Ferrari, Tod’s, Prada ed altri aumentano sempre di più le esportazioni, soprattutto nei Paesi del Brics (Brasile, Russia, India, Cina, Sudafrica), ma anche in altri emergenti come Messico e Nigeria.
Non secondarie sono le esportazioni di macchinari industriali e civili, rinomati nel mondo per la loro alta tecnologia e precisione, nonché apparecchi astronomici, aeronautici e militari.
Insomma, un pezzo importante dell’Italia che funziona bene e che sta trainando il Pil, anche se esso non progredisce, essendo anzi regredito in questi sei anni di crisi, di quasi il 10%.

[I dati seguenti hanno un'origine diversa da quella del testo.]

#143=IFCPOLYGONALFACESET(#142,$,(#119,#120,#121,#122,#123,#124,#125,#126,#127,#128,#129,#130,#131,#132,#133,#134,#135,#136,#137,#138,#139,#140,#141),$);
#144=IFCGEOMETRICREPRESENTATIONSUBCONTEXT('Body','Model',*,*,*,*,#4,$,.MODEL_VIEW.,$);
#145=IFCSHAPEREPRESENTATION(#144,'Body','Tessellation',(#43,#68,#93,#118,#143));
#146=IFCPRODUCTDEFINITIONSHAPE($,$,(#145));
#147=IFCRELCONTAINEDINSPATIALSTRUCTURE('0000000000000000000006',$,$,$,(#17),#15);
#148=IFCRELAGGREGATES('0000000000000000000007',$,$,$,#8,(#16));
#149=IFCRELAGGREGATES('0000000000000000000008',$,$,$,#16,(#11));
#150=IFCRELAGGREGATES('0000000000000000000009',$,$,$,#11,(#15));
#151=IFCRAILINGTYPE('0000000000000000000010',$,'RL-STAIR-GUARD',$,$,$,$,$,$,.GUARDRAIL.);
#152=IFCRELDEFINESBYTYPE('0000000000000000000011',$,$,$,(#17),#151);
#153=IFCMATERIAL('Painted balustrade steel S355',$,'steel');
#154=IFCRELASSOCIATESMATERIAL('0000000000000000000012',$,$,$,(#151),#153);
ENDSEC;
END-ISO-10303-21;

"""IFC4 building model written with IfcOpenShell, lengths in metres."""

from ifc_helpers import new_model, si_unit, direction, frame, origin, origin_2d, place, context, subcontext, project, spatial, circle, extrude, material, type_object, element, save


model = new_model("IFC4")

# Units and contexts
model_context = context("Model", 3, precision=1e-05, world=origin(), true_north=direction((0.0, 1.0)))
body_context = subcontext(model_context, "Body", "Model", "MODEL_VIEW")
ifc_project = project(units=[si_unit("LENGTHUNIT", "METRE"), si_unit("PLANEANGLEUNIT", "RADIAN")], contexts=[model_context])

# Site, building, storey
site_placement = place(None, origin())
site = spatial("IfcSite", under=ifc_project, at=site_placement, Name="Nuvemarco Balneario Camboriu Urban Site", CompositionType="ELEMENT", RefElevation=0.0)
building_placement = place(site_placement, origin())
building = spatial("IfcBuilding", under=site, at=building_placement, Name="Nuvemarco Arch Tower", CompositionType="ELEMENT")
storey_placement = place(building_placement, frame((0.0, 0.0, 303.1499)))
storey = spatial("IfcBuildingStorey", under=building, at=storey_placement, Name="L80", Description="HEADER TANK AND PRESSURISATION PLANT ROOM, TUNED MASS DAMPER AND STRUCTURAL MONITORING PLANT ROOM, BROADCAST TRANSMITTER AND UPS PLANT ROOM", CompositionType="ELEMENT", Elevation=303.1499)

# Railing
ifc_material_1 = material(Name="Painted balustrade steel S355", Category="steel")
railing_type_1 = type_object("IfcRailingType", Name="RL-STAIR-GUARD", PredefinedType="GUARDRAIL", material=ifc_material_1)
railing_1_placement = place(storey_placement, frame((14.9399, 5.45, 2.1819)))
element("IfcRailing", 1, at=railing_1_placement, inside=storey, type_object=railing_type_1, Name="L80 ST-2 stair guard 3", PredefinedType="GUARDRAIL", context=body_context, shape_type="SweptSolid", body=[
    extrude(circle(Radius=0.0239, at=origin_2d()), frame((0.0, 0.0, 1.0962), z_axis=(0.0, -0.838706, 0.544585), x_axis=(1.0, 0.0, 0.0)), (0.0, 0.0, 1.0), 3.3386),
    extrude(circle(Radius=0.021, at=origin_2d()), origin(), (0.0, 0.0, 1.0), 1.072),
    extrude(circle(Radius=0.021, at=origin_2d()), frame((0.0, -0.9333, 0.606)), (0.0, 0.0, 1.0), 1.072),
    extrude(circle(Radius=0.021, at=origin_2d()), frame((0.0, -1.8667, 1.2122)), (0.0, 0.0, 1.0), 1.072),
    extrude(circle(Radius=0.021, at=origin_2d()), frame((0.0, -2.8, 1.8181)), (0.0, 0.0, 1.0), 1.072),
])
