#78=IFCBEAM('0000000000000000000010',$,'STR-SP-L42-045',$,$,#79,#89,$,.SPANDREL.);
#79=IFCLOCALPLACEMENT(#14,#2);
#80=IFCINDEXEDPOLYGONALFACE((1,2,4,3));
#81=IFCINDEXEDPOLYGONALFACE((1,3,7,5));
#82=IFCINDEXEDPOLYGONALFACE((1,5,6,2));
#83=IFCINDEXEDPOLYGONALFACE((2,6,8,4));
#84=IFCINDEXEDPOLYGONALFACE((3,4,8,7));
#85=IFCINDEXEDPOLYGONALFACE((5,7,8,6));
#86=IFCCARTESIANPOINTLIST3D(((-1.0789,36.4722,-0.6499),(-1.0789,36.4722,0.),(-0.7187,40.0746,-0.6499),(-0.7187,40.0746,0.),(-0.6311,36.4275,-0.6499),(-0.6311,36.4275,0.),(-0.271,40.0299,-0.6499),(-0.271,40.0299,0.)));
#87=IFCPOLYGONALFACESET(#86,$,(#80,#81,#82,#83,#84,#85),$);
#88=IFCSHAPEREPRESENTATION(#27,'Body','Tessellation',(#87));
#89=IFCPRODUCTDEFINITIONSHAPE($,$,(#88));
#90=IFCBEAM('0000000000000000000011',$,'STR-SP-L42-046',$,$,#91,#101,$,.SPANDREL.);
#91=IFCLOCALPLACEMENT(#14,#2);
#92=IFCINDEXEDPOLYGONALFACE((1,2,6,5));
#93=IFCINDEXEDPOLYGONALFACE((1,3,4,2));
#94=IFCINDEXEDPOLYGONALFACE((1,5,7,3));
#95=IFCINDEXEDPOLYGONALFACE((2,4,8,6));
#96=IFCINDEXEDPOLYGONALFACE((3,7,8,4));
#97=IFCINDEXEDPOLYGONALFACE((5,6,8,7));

C’è da chiedersi che cosa non funzioni: l’immensa risorsa di cinque milioni di piccole e medie imprese vessate e soffocate da un’imposizione insopportabile; e una burocrazia ottusa, che dice sempre di “no”, tanto gli stipendi dei pubblici dipendenti arrivano puntualmente ogni mese nei loro conti correnti. Se ne possono altamente fottere di imprenditori e cittadini ai quali negano i provvedimenti richiesti in tempi europei.
Ed è proprio la palla al piede della burocrazia, che comprende la giustizia (o meglio l’ingiustizia), la quale emette sentenze non in un anno, ma in dieci e forse più.

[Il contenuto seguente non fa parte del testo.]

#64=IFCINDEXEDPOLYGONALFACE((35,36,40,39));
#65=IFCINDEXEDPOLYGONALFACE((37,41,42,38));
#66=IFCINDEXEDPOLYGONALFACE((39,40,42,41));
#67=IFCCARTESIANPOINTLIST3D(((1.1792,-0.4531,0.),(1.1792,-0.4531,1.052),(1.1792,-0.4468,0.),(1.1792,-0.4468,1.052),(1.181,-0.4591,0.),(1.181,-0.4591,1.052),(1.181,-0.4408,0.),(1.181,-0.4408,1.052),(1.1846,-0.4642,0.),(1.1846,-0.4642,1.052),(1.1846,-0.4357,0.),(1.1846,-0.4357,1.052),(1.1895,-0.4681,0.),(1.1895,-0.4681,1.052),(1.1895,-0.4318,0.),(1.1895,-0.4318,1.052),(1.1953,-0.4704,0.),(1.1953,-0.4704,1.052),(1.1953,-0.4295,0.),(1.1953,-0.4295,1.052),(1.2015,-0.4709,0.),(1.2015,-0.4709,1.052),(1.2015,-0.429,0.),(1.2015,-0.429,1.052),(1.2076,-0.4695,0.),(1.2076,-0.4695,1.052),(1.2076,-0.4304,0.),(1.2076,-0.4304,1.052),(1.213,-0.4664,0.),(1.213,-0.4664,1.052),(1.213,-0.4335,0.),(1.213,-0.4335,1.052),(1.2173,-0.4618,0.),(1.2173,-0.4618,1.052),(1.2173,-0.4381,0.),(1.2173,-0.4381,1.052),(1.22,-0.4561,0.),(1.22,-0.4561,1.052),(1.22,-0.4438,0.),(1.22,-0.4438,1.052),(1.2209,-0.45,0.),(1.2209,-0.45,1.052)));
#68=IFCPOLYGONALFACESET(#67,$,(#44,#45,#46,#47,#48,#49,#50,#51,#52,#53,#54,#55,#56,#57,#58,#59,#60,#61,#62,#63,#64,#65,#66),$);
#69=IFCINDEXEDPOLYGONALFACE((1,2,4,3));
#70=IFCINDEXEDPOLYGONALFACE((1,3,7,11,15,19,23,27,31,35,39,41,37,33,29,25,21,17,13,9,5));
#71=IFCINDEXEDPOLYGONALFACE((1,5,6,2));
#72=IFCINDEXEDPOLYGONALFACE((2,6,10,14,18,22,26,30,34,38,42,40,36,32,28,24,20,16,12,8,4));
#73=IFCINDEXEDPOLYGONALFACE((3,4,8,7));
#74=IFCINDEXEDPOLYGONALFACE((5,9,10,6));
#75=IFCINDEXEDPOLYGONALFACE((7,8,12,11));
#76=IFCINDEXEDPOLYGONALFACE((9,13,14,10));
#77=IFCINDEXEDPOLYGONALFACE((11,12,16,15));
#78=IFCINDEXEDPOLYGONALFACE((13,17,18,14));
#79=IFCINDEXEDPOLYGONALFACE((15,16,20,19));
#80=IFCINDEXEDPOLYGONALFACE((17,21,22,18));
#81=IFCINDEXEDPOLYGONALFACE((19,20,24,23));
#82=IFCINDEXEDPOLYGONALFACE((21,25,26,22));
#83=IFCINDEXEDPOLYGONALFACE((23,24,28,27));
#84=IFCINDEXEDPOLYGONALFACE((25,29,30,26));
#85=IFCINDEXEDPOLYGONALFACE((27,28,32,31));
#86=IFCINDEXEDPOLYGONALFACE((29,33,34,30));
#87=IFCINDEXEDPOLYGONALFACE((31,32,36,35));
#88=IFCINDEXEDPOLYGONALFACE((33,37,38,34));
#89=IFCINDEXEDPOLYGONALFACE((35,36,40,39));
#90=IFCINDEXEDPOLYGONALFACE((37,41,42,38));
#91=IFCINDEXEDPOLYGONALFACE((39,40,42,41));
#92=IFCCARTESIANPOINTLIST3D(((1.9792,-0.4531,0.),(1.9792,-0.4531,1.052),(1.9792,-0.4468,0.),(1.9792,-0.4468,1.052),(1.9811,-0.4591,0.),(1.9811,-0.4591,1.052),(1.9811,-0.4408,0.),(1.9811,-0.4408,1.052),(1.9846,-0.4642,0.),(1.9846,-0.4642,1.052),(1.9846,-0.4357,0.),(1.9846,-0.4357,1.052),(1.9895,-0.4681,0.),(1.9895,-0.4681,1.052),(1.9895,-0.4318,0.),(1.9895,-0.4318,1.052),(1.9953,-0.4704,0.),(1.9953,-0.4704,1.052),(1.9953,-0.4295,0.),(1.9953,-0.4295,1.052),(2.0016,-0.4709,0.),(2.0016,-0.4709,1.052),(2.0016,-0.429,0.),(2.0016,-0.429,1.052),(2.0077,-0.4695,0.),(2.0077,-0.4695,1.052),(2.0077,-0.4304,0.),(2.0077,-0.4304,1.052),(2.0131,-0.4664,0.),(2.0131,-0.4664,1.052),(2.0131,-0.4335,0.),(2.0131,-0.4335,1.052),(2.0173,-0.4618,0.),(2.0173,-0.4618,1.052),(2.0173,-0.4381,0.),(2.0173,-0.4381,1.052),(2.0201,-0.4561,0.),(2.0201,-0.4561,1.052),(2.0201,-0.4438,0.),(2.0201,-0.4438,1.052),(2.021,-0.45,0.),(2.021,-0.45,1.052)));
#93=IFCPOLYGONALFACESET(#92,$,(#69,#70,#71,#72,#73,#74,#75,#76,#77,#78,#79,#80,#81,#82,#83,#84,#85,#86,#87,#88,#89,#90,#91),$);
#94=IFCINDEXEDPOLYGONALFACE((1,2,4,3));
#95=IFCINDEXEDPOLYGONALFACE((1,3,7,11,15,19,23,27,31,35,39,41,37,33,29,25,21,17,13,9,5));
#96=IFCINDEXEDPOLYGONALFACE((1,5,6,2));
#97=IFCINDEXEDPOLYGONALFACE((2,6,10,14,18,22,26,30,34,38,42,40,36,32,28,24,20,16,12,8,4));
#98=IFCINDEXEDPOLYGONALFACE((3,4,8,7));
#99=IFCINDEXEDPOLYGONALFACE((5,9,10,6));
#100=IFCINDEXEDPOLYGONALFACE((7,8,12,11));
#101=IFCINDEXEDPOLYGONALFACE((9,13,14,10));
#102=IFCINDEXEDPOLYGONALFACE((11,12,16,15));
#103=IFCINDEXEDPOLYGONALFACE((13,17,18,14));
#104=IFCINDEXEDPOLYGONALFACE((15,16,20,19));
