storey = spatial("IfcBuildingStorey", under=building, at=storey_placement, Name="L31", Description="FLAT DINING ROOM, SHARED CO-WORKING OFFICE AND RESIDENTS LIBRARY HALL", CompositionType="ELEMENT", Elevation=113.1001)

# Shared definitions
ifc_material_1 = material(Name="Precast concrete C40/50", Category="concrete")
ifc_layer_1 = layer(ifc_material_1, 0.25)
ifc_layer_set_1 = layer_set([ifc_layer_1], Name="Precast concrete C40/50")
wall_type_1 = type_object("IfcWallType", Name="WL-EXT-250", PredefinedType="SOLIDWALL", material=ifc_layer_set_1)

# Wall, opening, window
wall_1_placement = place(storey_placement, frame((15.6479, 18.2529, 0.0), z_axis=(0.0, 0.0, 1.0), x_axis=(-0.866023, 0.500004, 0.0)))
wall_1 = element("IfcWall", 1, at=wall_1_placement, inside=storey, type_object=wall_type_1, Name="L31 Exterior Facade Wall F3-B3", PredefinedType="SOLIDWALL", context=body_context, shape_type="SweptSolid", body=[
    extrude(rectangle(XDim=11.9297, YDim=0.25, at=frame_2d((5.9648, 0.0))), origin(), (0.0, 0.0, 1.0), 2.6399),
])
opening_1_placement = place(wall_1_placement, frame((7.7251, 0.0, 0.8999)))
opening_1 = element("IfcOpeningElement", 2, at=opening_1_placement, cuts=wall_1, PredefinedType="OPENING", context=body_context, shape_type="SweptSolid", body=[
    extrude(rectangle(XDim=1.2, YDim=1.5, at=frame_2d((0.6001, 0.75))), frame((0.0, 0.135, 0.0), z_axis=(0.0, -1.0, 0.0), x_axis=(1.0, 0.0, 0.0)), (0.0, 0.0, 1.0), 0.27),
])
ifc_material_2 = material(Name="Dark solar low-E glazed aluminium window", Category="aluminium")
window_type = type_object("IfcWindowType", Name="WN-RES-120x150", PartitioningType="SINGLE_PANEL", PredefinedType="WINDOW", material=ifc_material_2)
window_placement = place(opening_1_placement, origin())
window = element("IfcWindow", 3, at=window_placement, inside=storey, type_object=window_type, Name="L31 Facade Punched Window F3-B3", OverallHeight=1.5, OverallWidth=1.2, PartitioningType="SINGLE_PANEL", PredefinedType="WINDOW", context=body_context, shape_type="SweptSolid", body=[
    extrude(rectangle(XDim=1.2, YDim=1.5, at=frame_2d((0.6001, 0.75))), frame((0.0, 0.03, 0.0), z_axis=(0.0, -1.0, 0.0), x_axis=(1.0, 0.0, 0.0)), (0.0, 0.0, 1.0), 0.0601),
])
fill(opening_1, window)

Enorme tassazione, giustizia lenta, costo dell’energia maggiore di un terzo rispetto alla media europea, burocrazia perniciosa e classe dirigente inadeguata ai propri compiti respingono gli investimenti stranieri che in queste condizioni sarebbero indispensabile leva per fare accelerare un poco la ruota economica.

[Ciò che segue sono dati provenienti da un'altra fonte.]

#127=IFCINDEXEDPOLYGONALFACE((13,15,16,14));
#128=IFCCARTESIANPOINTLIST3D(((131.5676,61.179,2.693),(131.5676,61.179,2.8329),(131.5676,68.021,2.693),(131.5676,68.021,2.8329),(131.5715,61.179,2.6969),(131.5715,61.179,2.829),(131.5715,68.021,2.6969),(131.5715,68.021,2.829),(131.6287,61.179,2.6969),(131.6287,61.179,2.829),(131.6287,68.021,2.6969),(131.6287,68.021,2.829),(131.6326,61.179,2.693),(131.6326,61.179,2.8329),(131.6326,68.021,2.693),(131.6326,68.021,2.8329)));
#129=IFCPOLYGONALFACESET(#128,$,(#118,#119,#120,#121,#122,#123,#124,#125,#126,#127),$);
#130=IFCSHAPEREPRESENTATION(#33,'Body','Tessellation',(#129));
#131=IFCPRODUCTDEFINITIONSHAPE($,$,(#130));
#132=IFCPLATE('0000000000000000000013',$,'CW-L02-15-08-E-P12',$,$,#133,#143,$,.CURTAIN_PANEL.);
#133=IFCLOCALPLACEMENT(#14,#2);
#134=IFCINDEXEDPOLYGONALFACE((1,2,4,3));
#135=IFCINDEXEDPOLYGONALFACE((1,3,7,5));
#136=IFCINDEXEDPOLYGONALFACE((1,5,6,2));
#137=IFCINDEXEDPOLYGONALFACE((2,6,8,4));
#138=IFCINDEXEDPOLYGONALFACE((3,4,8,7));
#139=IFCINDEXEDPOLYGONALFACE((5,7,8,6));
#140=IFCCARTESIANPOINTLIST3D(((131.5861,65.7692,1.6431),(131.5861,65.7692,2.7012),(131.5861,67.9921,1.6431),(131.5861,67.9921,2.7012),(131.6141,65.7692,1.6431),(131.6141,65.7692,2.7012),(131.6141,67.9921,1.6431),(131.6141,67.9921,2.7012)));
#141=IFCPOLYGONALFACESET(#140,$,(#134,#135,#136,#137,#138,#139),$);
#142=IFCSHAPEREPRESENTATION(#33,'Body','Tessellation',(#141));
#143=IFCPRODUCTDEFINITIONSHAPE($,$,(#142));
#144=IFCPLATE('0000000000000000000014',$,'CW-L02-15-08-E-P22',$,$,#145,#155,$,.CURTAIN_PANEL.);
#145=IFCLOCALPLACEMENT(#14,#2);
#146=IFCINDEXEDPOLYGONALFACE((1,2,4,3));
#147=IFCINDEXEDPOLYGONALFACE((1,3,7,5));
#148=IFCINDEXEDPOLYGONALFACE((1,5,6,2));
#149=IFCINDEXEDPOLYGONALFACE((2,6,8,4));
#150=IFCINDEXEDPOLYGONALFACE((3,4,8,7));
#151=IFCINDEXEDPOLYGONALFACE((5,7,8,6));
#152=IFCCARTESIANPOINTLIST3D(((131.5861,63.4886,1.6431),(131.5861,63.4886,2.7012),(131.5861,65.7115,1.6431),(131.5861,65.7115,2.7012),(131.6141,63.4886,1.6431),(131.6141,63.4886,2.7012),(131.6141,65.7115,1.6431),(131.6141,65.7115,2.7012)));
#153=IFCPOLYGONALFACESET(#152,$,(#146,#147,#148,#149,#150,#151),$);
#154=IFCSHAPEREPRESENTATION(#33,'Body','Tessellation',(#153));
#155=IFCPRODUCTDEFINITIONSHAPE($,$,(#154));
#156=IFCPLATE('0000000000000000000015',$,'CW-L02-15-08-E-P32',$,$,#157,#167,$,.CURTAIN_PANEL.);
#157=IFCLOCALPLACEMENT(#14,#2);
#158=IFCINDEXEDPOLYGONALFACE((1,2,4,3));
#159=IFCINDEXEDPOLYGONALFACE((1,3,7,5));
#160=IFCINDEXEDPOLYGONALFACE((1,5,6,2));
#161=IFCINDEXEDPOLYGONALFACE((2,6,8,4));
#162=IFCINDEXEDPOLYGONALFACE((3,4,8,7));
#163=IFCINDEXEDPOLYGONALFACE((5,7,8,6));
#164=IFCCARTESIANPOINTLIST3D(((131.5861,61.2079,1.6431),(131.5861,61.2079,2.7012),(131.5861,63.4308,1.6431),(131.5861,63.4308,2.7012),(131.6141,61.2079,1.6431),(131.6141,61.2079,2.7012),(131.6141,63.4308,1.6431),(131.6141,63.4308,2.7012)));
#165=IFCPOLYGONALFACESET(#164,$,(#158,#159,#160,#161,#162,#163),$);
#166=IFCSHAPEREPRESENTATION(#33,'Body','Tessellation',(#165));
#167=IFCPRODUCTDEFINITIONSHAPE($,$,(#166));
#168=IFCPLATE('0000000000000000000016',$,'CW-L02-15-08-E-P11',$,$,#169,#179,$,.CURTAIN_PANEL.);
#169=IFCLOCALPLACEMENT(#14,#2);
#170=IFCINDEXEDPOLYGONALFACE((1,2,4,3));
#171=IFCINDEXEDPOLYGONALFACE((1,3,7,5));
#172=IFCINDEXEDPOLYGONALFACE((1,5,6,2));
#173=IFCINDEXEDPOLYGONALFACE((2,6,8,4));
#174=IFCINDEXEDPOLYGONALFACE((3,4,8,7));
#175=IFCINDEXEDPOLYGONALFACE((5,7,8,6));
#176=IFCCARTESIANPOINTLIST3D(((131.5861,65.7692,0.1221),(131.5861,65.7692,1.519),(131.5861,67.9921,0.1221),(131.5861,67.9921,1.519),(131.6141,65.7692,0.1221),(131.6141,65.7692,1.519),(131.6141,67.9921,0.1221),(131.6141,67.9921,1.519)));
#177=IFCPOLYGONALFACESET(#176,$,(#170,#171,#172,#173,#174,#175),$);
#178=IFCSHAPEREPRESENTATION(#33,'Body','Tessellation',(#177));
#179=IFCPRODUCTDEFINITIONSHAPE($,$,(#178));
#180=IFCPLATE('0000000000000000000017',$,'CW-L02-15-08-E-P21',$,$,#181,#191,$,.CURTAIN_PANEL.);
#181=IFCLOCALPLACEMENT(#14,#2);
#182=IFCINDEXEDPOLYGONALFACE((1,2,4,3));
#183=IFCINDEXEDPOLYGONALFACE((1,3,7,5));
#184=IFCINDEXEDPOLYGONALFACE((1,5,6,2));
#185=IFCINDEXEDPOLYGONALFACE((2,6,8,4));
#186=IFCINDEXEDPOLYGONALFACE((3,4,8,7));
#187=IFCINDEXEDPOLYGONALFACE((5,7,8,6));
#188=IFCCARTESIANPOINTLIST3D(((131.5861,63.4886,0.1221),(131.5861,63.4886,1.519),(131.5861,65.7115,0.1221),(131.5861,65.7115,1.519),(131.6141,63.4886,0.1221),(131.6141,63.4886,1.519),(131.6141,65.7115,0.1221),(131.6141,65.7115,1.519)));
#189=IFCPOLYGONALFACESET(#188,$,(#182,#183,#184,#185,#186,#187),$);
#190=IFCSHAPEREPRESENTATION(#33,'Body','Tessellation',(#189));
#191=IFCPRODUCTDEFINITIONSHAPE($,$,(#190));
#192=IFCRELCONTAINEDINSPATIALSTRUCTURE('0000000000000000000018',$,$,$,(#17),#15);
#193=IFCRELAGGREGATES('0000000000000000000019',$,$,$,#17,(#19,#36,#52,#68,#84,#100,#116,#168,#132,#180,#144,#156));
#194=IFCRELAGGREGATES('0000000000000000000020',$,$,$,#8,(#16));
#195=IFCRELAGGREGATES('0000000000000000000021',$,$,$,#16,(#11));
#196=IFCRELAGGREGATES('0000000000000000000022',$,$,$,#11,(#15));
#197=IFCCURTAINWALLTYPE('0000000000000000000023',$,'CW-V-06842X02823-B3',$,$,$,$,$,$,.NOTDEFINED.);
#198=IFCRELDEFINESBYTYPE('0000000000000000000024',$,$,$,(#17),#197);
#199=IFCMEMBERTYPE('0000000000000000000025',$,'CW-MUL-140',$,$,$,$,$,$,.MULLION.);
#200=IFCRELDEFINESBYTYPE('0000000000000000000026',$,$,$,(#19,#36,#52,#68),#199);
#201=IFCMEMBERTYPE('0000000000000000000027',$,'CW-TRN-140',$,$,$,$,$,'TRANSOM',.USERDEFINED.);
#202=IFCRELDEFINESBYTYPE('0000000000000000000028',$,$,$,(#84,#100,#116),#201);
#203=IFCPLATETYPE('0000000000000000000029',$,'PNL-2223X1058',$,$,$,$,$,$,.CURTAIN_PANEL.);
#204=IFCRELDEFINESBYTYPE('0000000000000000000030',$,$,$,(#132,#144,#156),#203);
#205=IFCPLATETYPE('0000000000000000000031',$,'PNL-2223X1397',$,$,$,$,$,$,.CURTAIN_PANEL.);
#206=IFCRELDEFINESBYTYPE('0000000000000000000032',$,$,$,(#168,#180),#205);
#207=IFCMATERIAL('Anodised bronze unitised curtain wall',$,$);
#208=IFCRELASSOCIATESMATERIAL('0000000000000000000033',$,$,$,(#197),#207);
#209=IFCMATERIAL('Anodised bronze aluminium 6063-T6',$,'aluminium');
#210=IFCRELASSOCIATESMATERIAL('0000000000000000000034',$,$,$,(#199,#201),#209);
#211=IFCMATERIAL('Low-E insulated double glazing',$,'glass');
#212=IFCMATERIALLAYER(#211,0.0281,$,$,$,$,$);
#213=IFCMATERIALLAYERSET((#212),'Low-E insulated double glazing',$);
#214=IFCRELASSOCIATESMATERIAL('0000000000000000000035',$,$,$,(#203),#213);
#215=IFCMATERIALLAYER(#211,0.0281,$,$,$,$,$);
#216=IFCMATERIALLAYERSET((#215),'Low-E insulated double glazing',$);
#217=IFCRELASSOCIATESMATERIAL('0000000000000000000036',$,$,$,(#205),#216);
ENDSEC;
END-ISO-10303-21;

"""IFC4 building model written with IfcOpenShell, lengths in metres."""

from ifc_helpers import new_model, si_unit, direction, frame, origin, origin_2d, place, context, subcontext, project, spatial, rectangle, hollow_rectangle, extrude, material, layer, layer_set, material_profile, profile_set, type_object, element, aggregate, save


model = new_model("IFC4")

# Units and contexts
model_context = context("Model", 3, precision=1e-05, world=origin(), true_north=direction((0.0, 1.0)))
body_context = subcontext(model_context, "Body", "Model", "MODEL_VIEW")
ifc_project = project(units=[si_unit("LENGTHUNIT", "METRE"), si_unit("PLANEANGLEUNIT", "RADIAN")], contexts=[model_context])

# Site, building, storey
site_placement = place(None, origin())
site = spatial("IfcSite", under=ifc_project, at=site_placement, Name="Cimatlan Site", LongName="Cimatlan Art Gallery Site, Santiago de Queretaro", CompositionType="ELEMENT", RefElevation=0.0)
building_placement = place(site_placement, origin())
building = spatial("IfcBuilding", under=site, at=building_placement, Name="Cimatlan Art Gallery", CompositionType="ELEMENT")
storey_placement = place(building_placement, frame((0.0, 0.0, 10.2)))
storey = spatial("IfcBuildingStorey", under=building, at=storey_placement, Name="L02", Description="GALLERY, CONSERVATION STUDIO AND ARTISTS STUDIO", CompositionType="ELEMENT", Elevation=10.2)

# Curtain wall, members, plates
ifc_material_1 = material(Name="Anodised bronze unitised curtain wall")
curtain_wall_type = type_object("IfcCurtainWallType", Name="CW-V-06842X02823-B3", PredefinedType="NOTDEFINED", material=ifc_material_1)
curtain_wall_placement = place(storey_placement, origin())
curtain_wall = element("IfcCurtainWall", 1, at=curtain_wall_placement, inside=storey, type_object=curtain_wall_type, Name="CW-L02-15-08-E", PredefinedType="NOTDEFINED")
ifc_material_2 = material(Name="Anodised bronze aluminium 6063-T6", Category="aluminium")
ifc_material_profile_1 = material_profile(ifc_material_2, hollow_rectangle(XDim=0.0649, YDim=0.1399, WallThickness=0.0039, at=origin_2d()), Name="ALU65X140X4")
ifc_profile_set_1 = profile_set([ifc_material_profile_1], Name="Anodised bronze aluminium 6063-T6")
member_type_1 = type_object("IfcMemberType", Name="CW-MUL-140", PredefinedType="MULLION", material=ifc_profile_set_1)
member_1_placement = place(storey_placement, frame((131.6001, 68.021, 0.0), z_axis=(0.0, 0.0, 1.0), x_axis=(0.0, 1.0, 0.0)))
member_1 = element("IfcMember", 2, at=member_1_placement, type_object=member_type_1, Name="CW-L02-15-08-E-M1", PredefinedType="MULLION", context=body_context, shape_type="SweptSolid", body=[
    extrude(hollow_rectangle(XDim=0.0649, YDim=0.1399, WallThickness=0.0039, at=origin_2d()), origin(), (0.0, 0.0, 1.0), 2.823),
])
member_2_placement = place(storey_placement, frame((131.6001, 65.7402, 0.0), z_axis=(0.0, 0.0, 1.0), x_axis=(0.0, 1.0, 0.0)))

E proprio per dare soluzioni a questi problemi che contiamo su Matteo Renzi, il quale dovrà svolgere un’azione rapida per fare le riforme in tempi brevissimi. Oppure diverrà anch’egli un dinosauro.
In Sicilia, vi è un concentrato di beni culturali e archeologici, ma anche il clima temperato e soleggiato del Mediterraneo, le proprie coste (quelle non deturpate), quattro parchi naturali, decine di riserve marine e terrestri, luoghi incantevoli e caraibici. Tutti potrebbero fare diventare la nostra Isola una delle prime regioni d’Europa.
Ma una classe politica di infimo ordine e una classe dirigente quasi disinteressata allo sviluppo l’hanno fatta regredire al 235° posto in Europa, un’autentica vergogna.
Invece, bisognerebbe apporre il marchio Sicilia su tutti i prodotti di qualità, non solo agricoli, e su tutti i servizi di qualità di ogni genere. Per fare questo, la Regione dovrebbe istituire l’ufficio del brand Made in Sicily.
Tale ufficio, condotto e gestito da dirigenti onesti e capaci (nella Regione ve ne sono decine), dovrebbe rilasciare il citato marchio dopo rigorose procedure di verifica corrispondenti a requisiti ineccepibili che dimostrino la qualità dei predetti prodotti e servizi.
Dopo di che, la Regione dovrebbe fare una massiccia campagna stampa a livello nazionale ed internazionale, con una road map per presentare il Brand Sicilia nelle maggiori capitali del Brics e delle prime venti nazioni per Pil nel mondo.
Il Brand Sicilia potrebbe essere rilasciato anche a congressi e convegni nazionali e internazionali che avessero le caratteristiche qualitative inserite in un apposito protocollo.
Ecco di cosa si dovrebbe occupare il presidente della Regione, cessando di parlare e straparlare, organizzando un percorso efficiente con l’obiettivo di far aumentare il Pil della Sicilia di almeno un punto all’anno e i pernottamenti di visitatori di almeno il 10 per cento all’anno, fino a un primo traguardo di trenta milioni.
Ma ognuno può dare quello che ha e se il presidente non ha capacità, nulla può fare. E si vede!